# andare a + verbo in infinito



## francisgranada

Ciao e buona sera a tutti,

La mia domanda è, se sia corretto usare il verbo _andare _per indicare un _futuro prossimo_ o per esprimere _l'intenzione di far qualcosa _(incluso i casi quando di fatto non bisogna "spostarsi" fisicamente).

Contesto/Esempi:

Domani vado a comprar un libro
Domani vado ad alzarmi presto
Ora vado a dirti che non mi sento bene
Adesso vado a leggere un libro  _(senza allontanarmi dal mio posto...)_
Vado a cantarvi una bella canzone   _(rimango seduto, non vado ad alcuna parte...) _
Andiamo a vedere cosa c'è scritto nel dizionario  _(senza far un passo ...)

_Grazie in anticipo_.
_


----------



## ElFrikiChino

francisgranada said:


> Ciao e buona sera a tutti,
> 
> La mia domanda è, se sia corretto usare il verbo _andare _per indicare un _futuro prossimo_ o per esprimere _l'intenzione di far qualcosa _(incluso i casi quando di fatto non bisogna "spostarsi" fisicamente).
> 
> Contesto/Esempi:
> 
> Domani vado a comprar un libro  ma è un presente con valore di futuro, e andare significa andare, non perde il suo significato per indicare solo un'azione futura.
> Domani vado ad alzarmi presto
> Ora vado a dirti che non mi sento bene
> Adesso vado a leggere un libro  _(senza allontanarmi dal mio posto...)_  lo puoi dire, ma significa che ti alzi, prendi un libro e lo leggi.
> Vado a cantarvi una bella canzone   _(rimango seduto, non vado ad alcuna parte...) _
> Andiamo a vedere cosa c'è scritto nel dizionario  _(senza far un passo ...)
> 
> _Grazie in anticipo_.
> _



Però non so la regola che ammette l'uso di andare in senso di futuro nell'ultima frase. Pensandoci un attimo ti dico però che "andare a vedere" è una costruzione piuttosto usata e spesso ha valore di futuro, ma non sempre.


----------



## infinite sadness

francisgranada said:


> Ciao e buona sera a tutti,
> 
> La mia domanda è, se sia corretto usare il verbo _andare _per indicare un _futuro prossimo_ o per esprimere _l'intenzione di far qualcosa _(incluso i casi quando di fatto non bisogna "spostarsi" fisicamente).
> 
> Contesto/Esempi:
> 
> Domani vado a comprar un libro
> Domani vado ad alzarmi presto
> Ora vado vengo a dirti che non mi sento bene
> Adesso vado a leggere un libro  _(senza allontanarmi dal mio posto...)_
> Vado a cantarvi una bella canzone   _(rimango seduto, non vado ad alcuna parte...) _
> Andiamo a vedere cosa c'è scritto nel dizionario  _(senza far un passo ...)
> 
> _Grazie in anticipo_.
> _


----------



## olaszinho

Ciao Francis
Tutte le frasi sono scorrette, però due o tre di esse possono avere un senso compiuto in italiano, se si sottintende uno spostamento fisico.
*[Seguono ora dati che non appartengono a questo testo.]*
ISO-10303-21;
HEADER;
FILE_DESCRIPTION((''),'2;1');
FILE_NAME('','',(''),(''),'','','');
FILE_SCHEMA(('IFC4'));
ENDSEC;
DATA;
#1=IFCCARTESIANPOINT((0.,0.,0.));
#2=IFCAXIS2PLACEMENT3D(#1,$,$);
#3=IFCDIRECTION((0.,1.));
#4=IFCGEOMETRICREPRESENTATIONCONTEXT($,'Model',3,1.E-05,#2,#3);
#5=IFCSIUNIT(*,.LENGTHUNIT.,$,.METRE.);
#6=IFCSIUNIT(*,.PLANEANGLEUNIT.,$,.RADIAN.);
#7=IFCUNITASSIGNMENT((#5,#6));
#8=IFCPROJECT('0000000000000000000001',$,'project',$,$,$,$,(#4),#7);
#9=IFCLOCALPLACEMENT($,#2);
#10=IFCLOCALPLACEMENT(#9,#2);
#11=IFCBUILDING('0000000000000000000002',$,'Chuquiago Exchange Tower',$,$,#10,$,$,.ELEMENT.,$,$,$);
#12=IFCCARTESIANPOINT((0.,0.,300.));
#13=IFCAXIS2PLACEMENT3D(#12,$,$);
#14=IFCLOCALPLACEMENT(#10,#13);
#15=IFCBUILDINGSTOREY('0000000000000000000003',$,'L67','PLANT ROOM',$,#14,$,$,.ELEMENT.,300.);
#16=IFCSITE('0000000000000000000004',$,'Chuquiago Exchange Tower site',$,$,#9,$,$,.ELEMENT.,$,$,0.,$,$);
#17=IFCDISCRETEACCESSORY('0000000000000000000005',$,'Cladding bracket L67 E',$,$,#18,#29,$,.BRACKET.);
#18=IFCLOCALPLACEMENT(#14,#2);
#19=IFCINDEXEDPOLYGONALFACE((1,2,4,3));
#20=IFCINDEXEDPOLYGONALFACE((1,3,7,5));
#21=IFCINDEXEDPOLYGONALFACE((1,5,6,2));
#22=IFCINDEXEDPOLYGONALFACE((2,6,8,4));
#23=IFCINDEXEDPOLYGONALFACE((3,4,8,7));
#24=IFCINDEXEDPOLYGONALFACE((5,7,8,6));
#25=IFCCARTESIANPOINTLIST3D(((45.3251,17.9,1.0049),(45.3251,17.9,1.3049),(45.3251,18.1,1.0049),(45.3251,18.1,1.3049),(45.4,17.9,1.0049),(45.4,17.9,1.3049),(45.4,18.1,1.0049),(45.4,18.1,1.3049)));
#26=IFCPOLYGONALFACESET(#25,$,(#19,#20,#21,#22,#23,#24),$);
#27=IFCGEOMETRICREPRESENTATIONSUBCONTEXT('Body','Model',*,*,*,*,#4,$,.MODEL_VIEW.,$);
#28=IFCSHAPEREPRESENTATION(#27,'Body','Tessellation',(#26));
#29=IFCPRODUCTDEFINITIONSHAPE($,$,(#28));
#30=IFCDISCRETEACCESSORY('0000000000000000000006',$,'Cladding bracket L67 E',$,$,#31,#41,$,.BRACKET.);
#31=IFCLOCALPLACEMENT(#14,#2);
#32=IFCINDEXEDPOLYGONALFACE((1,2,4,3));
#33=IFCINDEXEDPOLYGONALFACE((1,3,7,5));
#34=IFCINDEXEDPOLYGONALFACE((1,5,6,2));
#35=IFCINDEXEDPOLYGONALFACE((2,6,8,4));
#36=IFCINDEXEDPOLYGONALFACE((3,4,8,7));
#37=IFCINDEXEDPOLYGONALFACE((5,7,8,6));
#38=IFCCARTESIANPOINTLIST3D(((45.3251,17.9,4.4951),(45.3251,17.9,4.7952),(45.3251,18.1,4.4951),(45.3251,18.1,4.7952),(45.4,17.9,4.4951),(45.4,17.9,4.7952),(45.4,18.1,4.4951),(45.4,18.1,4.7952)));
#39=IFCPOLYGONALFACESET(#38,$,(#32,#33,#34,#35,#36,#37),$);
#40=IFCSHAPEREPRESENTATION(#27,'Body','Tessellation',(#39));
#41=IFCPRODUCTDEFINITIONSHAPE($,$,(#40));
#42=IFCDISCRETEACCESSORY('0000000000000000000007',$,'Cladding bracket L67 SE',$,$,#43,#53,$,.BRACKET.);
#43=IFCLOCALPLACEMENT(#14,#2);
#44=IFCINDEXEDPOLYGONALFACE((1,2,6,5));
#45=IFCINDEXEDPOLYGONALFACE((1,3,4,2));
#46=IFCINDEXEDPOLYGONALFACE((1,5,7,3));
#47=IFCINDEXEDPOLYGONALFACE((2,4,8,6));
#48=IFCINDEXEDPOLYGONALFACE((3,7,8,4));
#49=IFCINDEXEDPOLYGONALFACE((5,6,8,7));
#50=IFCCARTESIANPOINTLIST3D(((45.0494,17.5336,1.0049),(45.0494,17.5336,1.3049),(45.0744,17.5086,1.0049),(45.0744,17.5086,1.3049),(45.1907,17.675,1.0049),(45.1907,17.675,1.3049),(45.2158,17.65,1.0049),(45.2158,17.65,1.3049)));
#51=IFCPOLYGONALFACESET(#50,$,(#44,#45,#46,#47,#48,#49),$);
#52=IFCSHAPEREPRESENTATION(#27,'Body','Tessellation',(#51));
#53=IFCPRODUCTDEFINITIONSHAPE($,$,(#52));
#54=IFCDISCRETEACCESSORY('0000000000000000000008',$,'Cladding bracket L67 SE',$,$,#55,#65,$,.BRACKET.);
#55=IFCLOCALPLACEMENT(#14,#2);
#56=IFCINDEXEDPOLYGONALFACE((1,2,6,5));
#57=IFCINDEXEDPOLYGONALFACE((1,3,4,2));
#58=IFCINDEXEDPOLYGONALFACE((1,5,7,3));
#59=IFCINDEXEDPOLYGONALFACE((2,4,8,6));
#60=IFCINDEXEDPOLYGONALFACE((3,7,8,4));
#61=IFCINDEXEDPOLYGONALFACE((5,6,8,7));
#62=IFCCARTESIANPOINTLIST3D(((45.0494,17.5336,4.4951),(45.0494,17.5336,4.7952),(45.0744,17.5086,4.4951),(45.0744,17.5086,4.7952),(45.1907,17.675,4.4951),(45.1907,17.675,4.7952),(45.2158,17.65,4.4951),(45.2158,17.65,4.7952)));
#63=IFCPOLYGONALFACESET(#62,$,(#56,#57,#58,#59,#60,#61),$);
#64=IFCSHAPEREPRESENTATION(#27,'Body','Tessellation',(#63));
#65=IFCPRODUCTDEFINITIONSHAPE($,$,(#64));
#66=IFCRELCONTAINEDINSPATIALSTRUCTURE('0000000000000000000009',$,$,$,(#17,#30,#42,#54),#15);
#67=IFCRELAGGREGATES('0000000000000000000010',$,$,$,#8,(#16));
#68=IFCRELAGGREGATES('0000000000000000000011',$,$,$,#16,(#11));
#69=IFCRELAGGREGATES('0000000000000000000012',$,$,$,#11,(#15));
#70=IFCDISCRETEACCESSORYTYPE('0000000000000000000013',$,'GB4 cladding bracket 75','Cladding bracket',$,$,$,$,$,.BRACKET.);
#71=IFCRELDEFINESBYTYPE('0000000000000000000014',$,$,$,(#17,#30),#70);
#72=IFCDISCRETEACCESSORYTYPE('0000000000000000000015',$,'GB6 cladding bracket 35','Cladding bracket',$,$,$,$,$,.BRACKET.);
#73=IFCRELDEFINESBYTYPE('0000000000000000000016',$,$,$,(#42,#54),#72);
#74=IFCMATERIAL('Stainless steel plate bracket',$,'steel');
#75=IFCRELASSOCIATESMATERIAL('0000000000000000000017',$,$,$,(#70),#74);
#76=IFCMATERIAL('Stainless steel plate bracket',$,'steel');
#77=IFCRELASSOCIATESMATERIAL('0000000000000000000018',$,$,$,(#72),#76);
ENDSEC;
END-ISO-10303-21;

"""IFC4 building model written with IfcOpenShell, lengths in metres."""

from ifc_helpers import new_model, si_unit, direction, frame, origin, origin_2d, place, context, subcontext, project, spatial, rectangle, extrude, material, type_object, element, save


model = new_model("IFC4")

# Units and contexts
model_context = context("Model", 3, precision=1e-05, world=origin(), true_north=direction((0.0, 1.0)))
body_context = subcontext(model_context, "Body", "Model", "MODEL_VIEW")
ifc_project = project(units=[si_unit("LENGTHUNIT", "METRE"), si_unit("PLANEANGLEUNIT", "RADIAN")], contexts=[model_context])

# Site, building, storey
site_placement = place(None, origin())
site = spatial("IfcSite", under=ifc_project, at=site_placement, Name="Chuquiago Exchange Tower site", CompositionType="ELEMENT", RefElevation=0.0)
building_placement = place(site_placement, origin())
building = spatial("IfcBuilding", under=site, at=building_placement, Name="Chuquiago Exchange Tower", CompositionType="ELEMENT")
storey_placement = place(building_placement, frame((0.0, 0.0, 300.0)))
storey = spatial("IfcBuildingStorey", under=building, at=storey_placement, Name="L67", Description="PLANT ROOM", CompositionType="ELEMENT", Elevation=300.0)

# Discrete accessories
ifc_material_1 = material(Name="Stainless steel plate bracket", Category="steel")
discrete_accessory_type_1 = type_object("IfcDiscreteAccessoryType", Name="GB4 cladding bracket 75", Description="Cladding bracket", PredefinedType="BRACKET", material=ifc_material_1)
for number, where, z_axis, x_axis, name in (
    (1, (45.3625, 18.0, 1.0049), (0.0, 0.0, 1.0), (0.0, 1.0, 0.0), "Cladding bracket L67 E"),
    (2, (45.3625, 18.0, 4.4951), (0.0, 0.0, 1.0), (0.0, 1.0, 0.0), "Cladding bracket L67 E"),
):
    element("IfcDiscreteAccessory", number, at=place(storey_placement, frame(where, z_axis=z_axis, x_axis=x_axis)), inside=storey, type_object=discrete_accessory_type_1, Name=name, PredefinedType="BRACKET", context=body_context, shape_type="SweptSolid", body=[
        extrude(rectangle(XDim=0.2, YDim=0.075, at=origin_2d()), origin(), (0.0, 0.0, 1.0), 0.3),
    ])
ifc_material_2 = material(Name="Stainless steel plate bracket", Category="steel")
discrete_accessory_type_2 = type_object("IfcDiscreteAccessoryType", Name="GB6 cladding bracket 35", Description="Cladding bracket", PredefinedType="BRACKET", material=ifc_material_2)
for number, where, z_axis, x_axis, name in (
    (3, (45.1326, 17.5918, 1.0049), (0.0, 0.0, 1.0), (0.707107, 0.707107, 0.0), "Cladding bracket L67 SE"),
    (4, (45.1326, 17.5918, 4.4951), (0.0, 0.0, 1.0), (0.707107, 0.707107, 0.0), "Cladding bracket L67 SE"),
):
    element("IfcDiscreteAccessory", number, at=place(storey_placement, frame(where, z_axis=z_axis, x_axis=x_axis)), inside=storey, type_object=discrete_accessory_type_2, Name=name, PredefinedType="BRACKET", context=body_context, shape_type="SweptSolid", body=[
        extrude(rectangle(XDim=0.2, YDim=0.0354, at=origin_2d()), origin(), (0.0, 0.0, 1.0), 0.3),
    ])

save(model, "model.ifc")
Domani vado a comprare un libro: uscirò ed andrò in un negozio. In italiano non esiste il verbo andare + infinito come in spagnolo, portoghese o francese. Per indicare un'azione imminente puoi usare il presente semplice, o la perifrasi stare per + infinito o il futuro semplice.
Domani andrò/vado al mercato.
Sto per andare a letto: fra poco ci andrò.
Purtroppo però, debbo ammettere, questa costruzione perifrastica sta sempre più prendendo piede anche in Italia, frasi del tipo: andrò a fare, vado a discutere, senza implicare nessuno spostamento, sono sempre più diffuse, sebbene siano ancora considerate scorrette dalla grammatica normativa. A me pare, tuttavia, che quest'uso o abuso sia piuttosto recente.


----------



## francisgranada

olaszinho said:


> ...Tutte le frasi sono scorrette ...


Grazie mille  ...! (sto scherzando  - gli esempi li ho scelti ovviamente aposta, per vedere le  opinioni competenti).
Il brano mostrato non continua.